Clemson was founded in 1889 as Clemson Agricultural College by Thomas Green Clemson, a Philadelphia native who married the daughter of Senator John C. Calhoun. Clemson enlisted in the Confederate Army at age 54 and served during the Civil War, along with his son. Later, through a convoluted series of transactions, he and his wife inherited the property on which the university was founded. Clemson now sits, grimacing in bronze, on a pedestal in front of Tillman Hall.
The Agricultural College opened in 1893. The school graduated its first class in 1896 with majors in agriculture and mechanical engineering. Until 1955 Clemson was an all-white, all-male military academy, although the school didn’t officially ban women or blacks. In 1955 the first white women enrolled, and in 1963 the school admitted its first Afro-American student, Harvey Gantt, who later became mayor of Charlotte. Oddly, the campus hosts a Strom Thurmond Institute; nearby is the Clemson Area Afro-American Museum. The school became Clemson University in 1964.
We followed a trail of bright orange tiger paws along a four-lane road onto the campus and parked at the Class of 1944 Visitor’s Center. With a campus map we tramped past a hodgepodge of glass-and-brick-or-concrete campus buildings to the massive Hendrix Student Center, which strangely was nearly deserted. We enjoyed ice cream cones at the student-run ice cream parlor.
From there I had to see Tillman Hall, which boasts a tall clock tower and thereby stands out from the other uniformly modernish, flat-roofed campus architecture. We passed Carillon Garden, donated in 1993 by the golden anniversary class of 1943 to honor students who died in combat during World War II. We slogged around the glittering Reflection Pool and past the football-field-length Cooper Library, one side of which, in broad daylight, offered a light show advertising the virtues of a Clemson education: agriculture, engineering, overseas studies, a National Championship football team, among others.
Memorial Stadium, also called “Death Valley,” meaning for visiting teams, has a seating capacity of about 82,000. It appears surprisingly small, compared to the massive venues at Penn State, U-Tenn., Florida State, the few I’ve visited. Lampposts along routes to the stadium are festooned with banners that cite one survey or another: “happiest students,” “best S.C. education value,” “great alumni support,” and so on.
Although educators widely ignore the annual U.S. News rankings of colleges and universities, the higher-ranked schools typically flog them as testimonials.
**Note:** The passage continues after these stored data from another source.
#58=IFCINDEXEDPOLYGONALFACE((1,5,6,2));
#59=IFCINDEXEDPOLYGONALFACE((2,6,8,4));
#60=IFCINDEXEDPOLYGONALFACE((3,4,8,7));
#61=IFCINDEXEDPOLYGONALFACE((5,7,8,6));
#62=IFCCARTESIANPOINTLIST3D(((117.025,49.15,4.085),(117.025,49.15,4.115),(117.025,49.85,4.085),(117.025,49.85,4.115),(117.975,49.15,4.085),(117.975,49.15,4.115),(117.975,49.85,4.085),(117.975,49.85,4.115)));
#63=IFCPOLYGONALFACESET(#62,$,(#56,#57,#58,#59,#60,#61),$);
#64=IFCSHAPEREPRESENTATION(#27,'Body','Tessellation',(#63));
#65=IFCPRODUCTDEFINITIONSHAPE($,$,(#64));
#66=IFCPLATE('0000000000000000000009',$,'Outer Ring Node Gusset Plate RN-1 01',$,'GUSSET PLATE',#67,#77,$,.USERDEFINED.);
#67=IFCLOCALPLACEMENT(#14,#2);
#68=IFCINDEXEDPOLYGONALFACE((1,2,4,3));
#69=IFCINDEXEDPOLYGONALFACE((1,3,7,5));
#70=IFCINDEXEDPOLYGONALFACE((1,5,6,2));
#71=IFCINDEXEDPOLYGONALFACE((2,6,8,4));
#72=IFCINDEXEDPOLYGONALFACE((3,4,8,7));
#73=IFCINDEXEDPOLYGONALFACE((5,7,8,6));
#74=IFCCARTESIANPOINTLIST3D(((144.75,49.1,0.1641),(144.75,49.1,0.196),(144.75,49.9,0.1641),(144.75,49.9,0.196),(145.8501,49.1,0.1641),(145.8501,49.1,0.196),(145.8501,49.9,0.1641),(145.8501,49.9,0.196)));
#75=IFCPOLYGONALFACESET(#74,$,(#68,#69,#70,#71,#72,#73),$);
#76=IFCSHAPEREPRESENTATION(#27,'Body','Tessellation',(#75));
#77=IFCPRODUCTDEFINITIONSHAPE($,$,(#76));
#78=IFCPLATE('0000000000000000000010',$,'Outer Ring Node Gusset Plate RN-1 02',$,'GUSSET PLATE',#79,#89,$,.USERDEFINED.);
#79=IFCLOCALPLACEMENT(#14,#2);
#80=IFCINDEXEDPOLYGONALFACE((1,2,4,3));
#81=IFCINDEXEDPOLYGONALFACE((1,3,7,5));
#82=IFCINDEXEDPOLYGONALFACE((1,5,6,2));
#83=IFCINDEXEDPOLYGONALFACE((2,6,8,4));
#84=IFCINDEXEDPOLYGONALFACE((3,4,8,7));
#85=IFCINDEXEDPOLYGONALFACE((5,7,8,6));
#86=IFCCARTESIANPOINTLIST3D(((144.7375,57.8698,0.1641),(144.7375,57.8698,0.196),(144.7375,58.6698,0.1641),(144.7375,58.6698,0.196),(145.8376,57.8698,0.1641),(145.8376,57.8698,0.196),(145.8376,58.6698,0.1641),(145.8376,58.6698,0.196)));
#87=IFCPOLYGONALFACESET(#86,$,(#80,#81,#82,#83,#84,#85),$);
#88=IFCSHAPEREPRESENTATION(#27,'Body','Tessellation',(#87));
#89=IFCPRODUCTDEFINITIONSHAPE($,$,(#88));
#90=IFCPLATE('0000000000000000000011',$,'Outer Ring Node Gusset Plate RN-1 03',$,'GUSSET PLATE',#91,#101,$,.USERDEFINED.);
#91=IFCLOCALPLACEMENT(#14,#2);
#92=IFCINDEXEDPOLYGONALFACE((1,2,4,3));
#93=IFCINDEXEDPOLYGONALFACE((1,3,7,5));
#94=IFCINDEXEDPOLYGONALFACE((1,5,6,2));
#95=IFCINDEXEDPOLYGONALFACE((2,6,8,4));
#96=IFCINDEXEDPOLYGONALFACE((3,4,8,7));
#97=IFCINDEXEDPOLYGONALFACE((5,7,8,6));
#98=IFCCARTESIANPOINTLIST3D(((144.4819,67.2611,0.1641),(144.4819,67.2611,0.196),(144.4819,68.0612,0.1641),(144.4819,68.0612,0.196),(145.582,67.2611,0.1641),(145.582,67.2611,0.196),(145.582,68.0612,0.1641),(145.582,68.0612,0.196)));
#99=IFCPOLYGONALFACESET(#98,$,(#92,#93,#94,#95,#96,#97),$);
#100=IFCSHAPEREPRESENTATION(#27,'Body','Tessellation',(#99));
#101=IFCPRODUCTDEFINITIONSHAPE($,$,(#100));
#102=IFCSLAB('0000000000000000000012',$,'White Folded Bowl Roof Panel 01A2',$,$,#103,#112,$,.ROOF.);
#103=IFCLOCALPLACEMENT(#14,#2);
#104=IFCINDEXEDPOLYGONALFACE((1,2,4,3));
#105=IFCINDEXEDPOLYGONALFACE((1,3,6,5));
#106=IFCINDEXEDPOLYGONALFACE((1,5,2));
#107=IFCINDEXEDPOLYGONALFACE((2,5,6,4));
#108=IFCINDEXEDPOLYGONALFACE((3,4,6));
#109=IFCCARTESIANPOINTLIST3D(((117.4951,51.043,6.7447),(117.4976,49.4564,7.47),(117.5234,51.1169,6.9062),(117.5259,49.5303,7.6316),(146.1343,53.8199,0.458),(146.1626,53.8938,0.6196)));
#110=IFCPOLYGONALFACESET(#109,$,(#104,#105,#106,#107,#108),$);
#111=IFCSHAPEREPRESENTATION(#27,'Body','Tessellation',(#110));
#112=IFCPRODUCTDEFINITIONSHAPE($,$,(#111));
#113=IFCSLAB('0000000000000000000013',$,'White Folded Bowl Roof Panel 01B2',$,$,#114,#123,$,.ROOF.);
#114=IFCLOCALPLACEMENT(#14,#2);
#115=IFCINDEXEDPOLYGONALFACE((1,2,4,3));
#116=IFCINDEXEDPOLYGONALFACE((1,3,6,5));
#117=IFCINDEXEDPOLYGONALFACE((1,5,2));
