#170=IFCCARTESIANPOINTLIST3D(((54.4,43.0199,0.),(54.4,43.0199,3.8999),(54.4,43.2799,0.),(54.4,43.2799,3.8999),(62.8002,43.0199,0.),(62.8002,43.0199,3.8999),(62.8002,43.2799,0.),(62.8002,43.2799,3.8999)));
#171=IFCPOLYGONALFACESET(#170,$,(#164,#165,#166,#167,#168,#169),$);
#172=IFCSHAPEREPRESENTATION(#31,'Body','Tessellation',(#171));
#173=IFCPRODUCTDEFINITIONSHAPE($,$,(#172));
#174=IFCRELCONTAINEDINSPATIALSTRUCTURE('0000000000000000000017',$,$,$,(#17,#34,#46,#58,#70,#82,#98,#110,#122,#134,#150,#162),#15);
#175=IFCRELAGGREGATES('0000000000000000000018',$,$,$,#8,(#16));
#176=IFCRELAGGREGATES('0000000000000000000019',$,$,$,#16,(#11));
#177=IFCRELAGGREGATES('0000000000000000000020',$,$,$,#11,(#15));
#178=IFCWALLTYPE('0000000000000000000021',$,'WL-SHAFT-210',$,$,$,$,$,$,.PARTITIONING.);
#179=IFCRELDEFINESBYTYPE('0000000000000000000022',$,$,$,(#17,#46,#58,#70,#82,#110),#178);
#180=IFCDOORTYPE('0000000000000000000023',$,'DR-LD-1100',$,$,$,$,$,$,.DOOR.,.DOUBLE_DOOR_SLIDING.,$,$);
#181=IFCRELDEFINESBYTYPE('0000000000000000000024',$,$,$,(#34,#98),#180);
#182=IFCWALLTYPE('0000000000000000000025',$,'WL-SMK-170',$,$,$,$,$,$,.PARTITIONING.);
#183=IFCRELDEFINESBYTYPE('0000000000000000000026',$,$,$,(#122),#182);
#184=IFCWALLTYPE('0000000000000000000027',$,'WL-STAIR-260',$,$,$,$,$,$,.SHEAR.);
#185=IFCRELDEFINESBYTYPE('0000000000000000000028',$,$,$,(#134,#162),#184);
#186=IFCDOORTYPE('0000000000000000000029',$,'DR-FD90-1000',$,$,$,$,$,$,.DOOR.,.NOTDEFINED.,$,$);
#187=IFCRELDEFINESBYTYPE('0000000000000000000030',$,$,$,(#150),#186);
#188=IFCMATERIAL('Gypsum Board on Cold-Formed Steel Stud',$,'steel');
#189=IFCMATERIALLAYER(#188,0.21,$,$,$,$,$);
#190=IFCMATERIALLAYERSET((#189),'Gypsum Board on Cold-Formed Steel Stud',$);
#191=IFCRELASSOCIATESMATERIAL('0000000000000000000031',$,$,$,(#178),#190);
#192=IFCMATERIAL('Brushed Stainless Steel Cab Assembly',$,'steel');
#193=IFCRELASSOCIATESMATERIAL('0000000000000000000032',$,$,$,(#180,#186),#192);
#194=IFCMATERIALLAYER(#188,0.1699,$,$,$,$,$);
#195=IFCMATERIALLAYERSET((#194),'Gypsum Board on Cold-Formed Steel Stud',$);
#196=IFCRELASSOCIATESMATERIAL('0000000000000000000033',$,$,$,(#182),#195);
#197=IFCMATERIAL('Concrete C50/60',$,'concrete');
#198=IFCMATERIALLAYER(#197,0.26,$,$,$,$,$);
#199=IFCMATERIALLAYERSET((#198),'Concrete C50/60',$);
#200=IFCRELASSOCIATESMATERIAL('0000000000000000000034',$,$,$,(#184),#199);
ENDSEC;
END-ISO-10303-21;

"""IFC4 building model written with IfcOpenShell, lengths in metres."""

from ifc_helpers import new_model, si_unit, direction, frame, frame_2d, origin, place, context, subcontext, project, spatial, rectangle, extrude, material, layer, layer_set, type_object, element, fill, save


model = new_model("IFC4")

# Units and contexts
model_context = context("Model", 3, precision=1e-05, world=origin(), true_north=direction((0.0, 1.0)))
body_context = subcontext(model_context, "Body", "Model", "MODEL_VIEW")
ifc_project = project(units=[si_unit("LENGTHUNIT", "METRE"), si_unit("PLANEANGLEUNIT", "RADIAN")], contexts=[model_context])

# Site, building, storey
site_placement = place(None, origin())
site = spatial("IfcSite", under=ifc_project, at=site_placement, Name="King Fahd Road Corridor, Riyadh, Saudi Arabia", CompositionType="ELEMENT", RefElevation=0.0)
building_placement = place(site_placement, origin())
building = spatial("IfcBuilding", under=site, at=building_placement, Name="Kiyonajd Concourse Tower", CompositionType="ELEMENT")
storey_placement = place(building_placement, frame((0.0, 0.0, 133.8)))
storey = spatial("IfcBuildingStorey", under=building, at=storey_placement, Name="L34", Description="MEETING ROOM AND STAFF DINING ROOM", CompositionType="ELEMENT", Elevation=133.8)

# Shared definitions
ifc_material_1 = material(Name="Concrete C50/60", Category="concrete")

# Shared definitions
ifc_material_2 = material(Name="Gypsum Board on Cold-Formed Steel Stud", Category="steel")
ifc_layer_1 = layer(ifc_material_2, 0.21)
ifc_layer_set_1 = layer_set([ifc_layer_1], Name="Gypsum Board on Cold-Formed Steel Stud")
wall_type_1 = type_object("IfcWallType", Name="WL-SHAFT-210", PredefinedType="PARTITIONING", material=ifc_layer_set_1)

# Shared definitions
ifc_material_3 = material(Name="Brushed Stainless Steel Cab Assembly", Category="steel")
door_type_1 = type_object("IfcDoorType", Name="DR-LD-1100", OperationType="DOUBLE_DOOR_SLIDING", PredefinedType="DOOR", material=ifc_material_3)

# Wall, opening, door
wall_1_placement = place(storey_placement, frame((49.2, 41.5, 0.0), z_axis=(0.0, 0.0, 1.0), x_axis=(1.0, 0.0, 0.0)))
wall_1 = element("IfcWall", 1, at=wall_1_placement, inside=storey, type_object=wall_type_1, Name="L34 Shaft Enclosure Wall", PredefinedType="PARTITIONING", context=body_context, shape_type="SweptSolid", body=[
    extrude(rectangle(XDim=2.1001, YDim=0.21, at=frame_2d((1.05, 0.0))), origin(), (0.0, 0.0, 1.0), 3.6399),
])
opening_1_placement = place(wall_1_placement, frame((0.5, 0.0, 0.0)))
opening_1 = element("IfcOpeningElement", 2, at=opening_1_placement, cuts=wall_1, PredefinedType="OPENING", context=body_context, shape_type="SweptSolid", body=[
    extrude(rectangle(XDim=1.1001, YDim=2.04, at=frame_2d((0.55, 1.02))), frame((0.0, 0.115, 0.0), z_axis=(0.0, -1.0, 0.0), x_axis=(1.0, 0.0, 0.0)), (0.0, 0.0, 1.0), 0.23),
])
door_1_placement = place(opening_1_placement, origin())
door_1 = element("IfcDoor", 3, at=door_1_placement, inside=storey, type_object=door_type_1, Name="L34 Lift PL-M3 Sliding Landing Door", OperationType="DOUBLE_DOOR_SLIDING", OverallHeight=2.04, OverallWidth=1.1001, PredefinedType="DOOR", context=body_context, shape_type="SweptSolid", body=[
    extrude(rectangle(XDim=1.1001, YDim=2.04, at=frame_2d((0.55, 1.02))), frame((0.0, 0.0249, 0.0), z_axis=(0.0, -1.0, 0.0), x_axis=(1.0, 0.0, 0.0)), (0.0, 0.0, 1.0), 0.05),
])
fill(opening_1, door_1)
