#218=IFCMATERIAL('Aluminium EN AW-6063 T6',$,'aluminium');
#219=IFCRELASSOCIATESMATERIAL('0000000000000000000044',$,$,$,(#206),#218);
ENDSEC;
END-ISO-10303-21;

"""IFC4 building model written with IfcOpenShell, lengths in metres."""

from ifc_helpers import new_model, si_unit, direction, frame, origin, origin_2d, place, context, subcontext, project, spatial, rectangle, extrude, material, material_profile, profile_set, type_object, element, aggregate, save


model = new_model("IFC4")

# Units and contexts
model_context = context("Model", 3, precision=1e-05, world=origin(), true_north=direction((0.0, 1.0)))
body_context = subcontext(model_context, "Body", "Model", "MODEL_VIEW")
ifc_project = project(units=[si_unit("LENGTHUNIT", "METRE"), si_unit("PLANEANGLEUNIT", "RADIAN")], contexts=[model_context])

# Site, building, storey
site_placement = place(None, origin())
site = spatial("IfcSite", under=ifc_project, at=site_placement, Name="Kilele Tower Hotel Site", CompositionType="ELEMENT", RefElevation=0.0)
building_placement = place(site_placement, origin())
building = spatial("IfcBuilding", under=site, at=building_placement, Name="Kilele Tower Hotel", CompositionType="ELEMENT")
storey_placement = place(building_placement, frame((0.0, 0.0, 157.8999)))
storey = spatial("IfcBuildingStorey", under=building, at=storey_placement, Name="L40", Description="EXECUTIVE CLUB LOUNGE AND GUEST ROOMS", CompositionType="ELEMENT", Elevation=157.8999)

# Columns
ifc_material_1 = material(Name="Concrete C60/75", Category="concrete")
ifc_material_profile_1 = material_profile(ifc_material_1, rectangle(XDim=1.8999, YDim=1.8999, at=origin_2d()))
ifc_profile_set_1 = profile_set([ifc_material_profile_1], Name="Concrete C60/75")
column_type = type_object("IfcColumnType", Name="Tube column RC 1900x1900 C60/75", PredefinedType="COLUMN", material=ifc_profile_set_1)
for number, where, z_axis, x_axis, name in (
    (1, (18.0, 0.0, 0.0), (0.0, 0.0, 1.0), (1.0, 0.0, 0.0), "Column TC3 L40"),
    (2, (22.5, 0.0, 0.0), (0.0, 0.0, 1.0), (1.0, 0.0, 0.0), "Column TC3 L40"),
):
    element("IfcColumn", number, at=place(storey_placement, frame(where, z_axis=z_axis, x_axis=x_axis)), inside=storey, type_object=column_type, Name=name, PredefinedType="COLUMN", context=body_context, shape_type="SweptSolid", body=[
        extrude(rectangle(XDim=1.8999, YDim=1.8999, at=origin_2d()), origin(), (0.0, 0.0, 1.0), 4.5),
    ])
Clemson, which the magazine grades as 24th among public universities, is no exception. Although I once heard the school called a “farmers’ college” by someone who would know, that was some years ago. I’m sure that, if you apply yourself, you get an excellent state university education at Clemson.
We straggled back to the car, exhausted, our daughter not convinced that Clemson is the place for our grandsons. She and Mike are thinking more of Stanford. Clemson, though, would offer in-state tuition. Plus football.